In contrast with those of bacterial transcription, few eukaryotic transcription factors have any effect on transcription on their own. Instead, each factor recruits other proteins to build up large complexes that interact with the transcriptional machinery to activate or repress transcription. These intermediary proteins act as a bridge between the transcription factors and the polymerase. An important target intermediary for many transcription factors is mediator, a huge complex of 25 to 30 subunits with a mass of more than 1-MDa, that joins the transcription machinery before initiation takes place. Mediator acts as a bridge between enhancer-bound activators, other transcription factors, and promoter-bound RNA polymerase II (Figure 37.8).

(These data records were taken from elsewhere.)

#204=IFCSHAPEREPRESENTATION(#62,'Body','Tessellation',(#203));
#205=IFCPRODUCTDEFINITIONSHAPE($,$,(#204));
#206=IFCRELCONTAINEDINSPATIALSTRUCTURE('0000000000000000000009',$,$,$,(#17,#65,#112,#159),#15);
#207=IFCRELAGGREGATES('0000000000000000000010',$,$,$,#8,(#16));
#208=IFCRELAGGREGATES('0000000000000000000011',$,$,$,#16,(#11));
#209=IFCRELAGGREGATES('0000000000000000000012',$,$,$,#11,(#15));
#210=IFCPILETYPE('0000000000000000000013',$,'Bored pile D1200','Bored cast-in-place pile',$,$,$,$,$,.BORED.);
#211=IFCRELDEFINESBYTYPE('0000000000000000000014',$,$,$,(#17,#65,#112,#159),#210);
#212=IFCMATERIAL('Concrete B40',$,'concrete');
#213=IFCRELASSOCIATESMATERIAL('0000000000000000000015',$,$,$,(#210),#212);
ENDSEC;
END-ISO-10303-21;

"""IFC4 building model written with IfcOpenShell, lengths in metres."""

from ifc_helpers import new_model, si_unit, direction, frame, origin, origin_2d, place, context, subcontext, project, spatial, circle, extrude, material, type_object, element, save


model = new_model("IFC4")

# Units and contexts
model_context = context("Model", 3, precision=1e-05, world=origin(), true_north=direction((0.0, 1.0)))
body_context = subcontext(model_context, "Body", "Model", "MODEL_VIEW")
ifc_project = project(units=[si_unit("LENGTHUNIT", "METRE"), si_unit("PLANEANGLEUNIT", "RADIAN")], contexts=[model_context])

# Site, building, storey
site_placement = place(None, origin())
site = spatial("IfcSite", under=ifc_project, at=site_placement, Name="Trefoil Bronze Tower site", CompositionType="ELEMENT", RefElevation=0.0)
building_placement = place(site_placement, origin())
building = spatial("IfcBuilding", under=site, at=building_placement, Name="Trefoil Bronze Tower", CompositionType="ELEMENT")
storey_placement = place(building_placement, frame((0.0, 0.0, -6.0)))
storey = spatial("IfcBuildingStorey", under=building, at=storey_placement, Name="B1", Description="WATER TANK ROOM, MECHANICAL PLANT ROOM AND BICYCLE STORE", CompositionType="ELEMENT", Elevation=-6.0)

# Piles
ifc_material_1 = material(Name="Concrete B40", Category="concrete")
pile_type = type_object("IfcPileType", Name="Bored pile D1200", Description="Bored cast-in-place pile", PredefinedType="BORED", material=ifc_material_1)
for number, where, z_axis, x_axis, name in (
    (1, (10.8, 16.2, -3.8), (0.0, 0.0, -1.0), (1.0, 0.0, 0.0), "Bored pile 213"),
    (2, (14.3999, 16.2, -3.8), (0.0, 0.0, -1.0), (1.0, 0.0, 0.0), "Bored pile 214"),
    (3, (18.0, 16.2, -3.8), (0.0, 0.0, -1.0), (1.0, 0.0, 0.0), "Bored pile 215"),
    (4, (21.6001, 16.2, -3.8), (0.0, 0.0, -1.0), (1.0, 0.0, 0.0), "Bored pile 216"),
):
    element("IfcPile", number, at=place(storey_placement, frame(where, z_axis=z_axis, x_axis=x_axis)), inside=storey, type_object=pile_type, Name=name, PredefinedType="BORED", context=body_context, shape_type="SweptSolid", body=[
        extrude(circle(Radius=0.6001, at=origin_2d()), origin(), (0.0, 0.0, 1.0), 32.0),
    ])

Transcription factors and other proteins that bind to regulatory sites on DNA can be regarded as passwords that cooperatively open multiple locks, giving RNA polymerase access to specific genes. A major advantage of this mode of regulation is that a given regulatory protein can have different effects, depending on what other proteins are present in the same cell. This phenomenon, called combinatorial control, is crucial to multicellular organisms that have many different cell types. A comparison between human beings and the simple roundworm Caenorhabditis elegans provides an example of the power of combinatorial control. Human beings have only one-third more genes than the worm, but we have many more cell types, and the dramatic increase in complexity without a corresponding increase in gene number may be due to a more sophisticated regulation allowed by combinatorial control.